Background: Neutrophils are significant effector cells in acute inflammatory bowel disease. Recruitment of these cells is dependent on beta 2-integrin-mediated adhesion and transmigration. The efficacy of neutrophil inhibitory factor (NIF), an antagonist of the beta 2-integrin CD11b/CD18, in ameliorating inflammation was tested in an animal model of acute colitis.

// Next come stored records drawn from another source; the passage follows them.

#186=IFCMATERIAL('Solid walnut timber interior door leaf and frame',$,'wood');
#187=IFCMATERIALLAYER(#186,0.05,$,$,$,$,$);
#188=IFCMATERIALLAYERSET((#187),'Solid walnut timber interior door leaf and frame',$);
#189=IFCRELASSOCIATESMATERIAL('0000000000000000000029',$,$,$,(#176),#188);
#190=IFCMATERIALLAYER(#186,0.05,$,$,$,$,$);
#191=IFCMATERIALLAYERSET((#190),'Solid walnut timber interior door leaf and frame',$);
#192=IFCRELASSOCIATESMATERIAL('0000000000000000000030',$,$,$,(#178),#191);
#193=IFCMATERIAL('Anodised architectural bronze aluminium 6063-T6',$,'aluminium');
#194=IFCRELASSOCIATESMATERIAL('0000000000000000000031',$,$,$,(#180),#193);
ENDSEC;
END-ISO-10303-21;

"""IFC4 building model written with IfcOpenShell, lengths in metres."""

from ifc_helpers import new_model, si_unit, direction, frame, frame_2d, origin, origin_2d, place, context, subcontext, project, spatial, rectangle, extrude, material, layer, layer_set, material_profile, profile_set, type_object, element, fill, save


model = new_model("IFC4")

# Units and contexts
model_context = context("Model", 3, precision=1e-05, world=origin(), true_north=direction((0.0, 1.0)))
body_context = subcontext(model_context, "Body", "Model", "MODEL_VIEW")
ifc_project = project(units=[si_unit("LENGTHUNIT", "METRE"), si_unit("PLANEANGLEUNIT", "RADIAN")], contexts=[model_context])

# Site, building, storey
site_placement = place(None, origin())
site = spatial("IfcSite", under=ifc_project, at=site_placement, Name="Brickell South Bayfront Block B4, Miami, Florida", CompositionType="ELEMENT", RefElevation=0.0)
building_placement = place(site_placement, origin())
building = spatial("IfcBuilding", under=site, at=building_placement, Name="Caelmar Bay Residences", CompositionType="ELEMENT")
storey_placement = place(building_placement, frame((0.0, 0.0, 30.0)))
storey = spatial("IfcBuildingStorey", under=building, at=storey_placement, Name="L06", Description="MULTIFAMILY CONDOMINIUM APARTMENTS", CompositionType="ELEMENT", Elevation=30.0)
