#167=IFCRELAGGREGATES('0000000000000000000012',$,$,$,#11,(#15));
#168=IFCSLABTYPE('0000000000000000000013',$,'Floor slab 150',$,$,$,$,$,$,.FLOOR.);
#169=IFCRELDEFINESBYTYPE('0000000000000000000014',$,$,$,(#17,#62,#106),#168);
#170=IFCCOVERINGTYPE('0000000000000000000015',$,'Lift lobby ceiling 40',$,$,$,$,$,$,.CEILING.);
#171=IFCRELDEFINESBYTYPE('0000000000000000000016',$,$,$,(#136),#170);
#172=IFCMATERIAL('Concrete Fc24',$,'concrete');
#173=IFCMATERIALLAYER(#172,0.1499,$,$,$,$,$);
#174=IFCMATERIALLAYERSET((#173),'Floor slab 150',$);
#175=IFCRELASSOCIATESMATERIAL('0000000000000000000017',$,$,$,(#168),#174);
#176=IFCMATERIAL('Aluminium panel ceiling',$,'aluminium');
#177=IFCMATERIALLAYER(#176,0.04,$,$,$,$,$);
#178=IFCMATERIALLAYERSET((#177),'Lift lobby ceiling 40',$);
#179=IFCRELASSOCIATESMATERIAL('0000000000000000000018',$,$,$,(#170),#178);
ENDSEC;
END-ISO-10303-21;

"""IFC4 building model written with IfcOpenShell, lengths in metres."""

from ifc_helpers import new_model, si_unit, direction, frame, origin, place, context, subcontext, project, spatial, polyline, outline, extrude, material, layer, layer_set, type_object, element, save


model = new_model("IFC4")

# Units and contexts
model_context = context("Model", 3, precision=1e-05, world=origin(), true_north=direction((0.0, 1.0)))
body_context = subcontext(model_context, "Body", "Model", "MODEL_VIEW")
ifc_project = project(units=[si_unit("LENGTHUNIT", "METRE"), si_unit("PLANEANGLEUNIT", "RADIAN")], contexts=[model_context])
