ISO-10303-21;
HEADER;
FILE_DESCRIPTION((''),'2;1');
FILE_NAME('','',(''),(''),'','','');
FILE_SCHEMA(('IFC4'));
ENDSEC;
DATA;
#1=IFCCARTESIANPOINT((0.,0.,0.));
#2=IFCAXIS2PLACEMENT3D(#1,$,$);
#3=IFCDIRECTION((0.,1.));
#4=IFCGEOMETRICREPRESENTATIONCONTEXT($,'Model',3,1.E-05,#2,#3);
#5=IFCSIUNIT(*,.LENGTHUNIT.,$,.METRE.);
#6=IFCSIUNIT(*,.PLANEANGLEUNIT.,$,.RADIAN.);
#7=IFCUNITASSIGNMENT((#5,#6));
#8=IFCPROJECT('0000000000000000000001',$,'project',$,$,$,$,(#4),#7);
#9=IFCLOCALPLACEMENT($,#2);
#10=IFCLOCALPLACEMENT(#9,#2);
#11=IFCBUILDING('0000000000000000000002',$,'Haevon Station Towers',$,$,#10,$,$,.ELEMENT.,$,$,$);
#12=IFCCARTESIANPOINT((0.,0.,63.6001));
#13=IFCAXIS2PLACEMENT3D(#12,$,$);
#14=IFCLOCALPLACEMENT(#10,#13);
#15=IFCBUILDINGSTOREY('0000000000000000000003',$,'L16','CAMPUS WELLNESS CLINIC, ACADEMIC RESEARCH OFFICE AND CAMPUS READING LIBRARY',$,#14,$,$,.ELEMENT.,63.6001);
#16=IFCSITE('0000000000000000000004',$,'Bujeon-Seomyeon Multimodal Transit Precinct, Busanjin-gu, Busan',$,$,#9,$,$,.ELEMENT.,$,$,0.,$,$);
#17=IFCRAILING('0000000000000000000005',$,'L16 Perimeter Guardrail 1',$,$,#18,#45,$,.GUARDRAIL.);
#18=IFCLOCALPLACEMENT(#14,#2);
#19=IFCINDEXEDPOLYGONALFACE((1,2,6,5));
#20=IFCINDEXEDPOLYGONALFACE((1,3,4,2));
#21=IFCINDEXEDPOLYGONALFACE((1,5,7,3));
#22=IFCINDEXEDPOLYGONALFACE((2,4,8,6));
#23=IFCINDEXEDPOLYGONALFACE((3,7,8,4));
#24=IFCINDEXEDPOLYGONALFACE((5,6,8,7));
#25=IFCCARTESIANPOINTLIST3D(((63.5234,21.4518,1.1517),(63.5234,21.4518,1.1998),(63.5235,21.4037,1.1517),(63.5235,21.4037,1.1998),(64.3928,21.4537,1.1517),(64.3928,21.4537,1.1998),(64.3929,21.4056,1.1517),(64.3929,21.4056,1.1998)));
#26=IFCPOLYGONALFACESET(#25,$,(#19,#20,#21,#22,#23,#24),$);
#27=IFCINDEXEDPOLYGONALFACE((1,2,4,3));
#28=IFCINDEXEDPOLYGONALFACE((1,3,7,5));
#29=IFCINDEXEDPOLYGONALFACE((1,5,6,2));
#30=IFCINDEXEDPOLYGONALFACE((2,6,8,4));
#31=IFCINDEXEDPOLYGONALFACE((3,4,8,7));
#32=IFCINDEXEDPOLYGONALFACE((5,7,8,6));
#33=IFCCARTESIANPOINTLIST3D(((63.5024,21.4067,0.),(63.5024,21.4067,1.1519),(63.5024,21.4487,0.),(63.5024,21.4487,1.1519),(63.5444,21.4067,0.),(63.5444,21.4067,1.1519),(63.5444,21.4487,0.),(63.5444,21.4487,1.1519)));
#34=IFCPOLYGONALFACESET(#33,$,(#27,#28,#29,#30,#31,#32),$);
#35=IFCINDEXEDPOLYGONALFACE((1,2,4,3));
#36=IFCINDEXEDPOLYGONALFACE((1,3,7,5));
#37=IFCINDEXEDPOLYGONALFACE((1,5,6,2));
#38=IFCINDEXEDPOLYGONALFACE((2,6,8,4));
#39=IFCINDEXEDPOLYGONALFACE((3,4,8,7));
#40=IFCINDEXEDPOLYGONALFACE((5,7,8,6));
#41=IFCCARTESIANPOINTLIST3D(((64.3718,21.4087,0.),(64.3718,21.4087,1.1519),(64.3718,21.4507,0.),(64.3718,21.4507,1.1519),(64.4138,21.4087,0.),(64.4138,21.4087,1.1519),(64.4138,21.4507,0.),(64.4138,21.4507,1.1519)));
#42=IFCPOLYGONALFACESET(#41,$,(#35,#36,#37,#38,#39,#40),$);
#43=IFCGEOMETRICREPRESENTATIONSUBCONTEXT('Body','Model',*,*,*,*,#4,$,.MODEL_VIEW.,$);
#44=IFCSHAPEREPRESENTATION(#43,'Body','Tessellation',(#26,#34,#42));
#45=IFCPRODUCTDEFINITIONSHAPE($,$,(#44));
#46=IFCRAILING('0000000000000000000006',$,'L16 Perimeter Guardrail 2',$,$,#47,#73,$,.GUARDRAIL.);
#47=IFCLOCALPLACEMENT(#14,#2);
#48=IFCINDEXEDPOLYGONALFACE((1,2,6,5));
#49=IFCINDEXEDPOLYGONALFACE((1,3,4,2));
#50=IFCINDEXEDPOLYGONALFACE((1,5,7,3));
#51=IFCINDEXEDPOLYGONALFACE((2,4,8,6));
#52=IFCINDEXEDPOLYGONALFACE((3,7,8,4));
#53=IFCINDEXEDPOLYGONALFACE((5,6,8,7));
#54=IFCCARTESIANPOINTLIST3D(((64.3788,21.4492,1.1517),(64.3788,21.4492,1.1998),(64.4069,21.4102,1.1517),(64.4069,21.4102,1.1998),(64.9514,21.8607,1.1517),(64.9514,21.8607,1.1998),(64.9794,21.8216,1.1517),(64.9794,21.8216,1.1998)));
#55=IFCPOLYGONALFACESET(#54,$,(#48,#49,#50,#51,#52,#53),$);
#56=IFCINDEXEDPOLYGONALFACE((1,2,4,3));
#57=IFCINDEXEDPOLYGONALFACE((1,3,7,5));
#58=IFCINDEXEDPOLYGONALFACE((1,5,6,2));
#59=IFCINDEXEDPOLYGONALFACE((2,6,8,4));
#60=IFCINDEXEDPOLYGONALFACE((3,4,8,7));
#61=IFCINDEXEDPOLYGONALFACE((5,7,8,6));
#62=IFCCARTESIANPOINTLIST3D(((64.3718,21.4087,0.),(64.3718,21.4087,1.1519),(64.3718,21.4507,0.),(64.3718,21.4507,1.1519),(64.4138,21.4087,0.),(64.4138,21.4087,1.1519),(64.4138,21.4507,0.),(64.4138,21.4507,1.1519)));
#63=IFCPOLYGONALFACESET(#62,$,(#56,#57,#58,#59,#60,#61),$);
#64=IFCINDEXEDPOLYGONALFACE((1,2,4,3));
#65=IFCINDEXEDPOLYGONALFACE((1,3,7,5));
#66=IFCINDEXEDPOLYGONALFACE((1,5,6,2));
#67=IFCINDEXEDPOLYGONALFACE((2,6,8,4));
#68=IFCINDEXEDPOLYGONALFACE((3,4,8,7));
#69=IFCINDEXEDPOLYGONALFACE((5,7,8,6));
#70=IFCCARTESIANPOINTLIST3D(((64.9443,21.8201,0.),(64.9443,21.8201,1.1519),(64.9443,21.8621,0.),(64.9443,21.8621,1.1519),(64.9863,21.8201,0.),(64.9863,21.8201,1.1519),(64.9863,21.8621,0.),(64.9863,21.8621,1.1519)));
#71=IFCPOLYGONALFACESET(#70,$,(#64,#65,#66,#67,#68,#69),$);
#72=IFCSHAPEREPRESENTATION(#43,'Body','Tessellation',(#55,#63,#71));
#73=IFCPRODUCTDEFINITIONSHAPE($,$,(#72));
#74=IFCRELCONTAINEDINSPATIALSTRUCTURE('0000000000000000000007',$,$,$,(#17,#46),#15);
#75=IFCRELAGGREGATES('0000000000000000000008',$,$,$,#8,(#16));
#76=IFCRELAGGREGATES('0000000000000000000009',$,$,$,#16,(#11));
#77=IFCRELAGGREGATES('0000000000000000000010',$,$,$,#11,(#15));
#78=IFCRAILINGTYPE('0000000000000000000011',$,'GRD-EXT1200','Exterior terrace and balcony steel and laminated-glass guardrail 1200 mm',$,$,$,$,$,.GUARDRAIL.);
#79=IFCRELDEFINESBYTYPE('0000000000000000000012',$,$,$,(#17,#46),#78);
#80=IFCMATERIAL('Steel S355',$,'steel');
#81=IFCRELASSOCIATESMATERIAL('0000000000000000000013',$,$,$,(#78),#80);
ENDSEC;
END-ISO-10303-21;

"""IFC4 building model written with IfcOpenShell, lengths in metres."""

from ifc_helpers import new_model, si_unit, direction, frame, origin, origin_2d, place, context, subcontext, project, spatial, rectangle, extrude, material, type_object, element, save


model = new_model("IFC4")

# Units and contexts
model_context = context("Model", 3, precision=1e-05, world=origin(), true_north=direction((0.0, 1.0)))
body_context = subcontext(model_context, "Body", "Model", "MODEL_VIEW")
ifc_project = project(units=[si_unit("LENGTHUNIT", "METRE"), si_unit("PLANEANGLEUNIT", "RADIAN")], contexts=[model_context])

# Site, building, storey
site_placement = place(None, origin())
site = spatial("IfcSite", under=ifc_project, at=site_placement, Name="Bujeon-Seomyeon Multimodal Transit Precinct, Busanjin-gu, Busan", CompositionType="ELEMENT", RefElevation=0.0)
building_placement = place(site_placement, origin())
building = spatial("IfcBuilding", under=site, at=building_placement, Name="Haevon Station Towers", CompositionType="ELEMENT")
storey_placement = place(building_placement, frame((0.0, 0.0, 63.6001)))
storey = spatial("IfcBuildingStorey", under=building, at=storey_placement, Name="L16", Description="CAMPUS WELLNESS CLINIC, ACADEMIC RESEARCH OFFICE AND CAMPUS READING LIBRARY", CompositionType="ELEMENT", Elevation=63.6001)

# Shared definitions
ifc_material_1 = material(Name="Steel S355", Category="steel")

# Railings
railing_type = type_object("IfcRailingType", Name="GRD-EXT1200", Description="Exterior terrace and balcony steel and laminated-glass guardrail 1200 mm", PredefinedType="GUARDRAIL", material=ifc_material_1)
railing_1_placement = place(storey_placement, frame((63.5234, 21.4277, 0.0)))
element("IfcRailing", 1, at=railing_1_placement, inside=storey, type_object=railing_type, Name="L16 Perimeter Guardrail 1", PredefinedType="GUARDRAIL", context=body_context, shape_type="SweptSolid", body=[
    extrude(rectangle(XDim=0.0481, YDim=0.0481, at=origin_2d()), frame((0.0, 0.0, 1.1758), z_axis=(0.999997, 0.002247, 0.0), x_axis=(-0.002247, 0.999997, 0.0)), (0.0, 0.0, 1.0), 0.8694),
    extrude(rectangle(XDim=0.042, YDim=0.042, at=origin_2d()), origin(), (0.0, 0.0, 1.0), 1.1519),
    extrude(rectangle(XDim=0.042, YDim=0.042, at=origin_2d()), frame((0.8694, 0.002, 0.0)), (0.0, 0.0, 1.0), 1.1519),
])
railing_2_placement = place(storey_placement, frame((64.3928, 21.4297, 0.0)))
element("IfcRailing", 2, at=railing_2_placement, inside=storey, type_object=railing_type, Name="L16 Perimeter Guardrail 2", PredefinedType="GUARDRAIL", context=body_context, shape_type="SweptSolid", body=[
    extrude(rectangle(XDim=0.0481, YDim=0.0481, at=origin_2d()), frame((0.0, 0.0, 1.1758), z_axis=(0.812092, 0.583529, 0.0), x_axis=(-0.583529, 0.812092, 0.0)), (0.0, 0.0, 1.0), 0.7051),
    extrude(rectangle(XDim=0.042, YDim=0.042, at=origin_2d()), origin(), (0.0, 0.0, 1.0), 1.1519),
    extrude(rectangle(XDim=0.042, YDim=0.042, at=origin_2d()), frame((0.5725, 0.4114, 0.0)), (0.0, 0.0, 1.0), 1.1519),
])

save(model, "model.ifc")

Method: Immune-complex colitis was induced in groups of rabbits by using various formalin concentrations (2%, 0.75%, and 0.5%). Animals were treated with rNIF, 10 mg/kg. After they had been killed the mucosal appearance was scored, and tissue saved for histology and quantitation of myeloperoxidase (MPO), leukotriene B4 (LTB4), prostaglandin E2 (PGE2), and thromboxane B2 (TXB2).
Results: In the 2% formalin group therapy with rNIF resulted in lower LTB4 (p < 0.05) levels. For the 0.75% and 0.5% groups, MPO was lower with rNIF treatment (p < 0.03 and p < 0.05, respectively), as were LTB4 concentrations (both, p < 0.04). PGE2 and TXB2 levels remained unchanged. Histology showed polymorphonuclear cell infiltration to be reduced by rNIF in the 2% and 0.75% formalin-treatment groups (p < 0.05).
Conclusion: These results suggest that blockade of CD11b/CD18-mediated mucosal neutrophil recruitment may form part of a strategy for targeted therapeutic intervention in inflammatory bowel disease.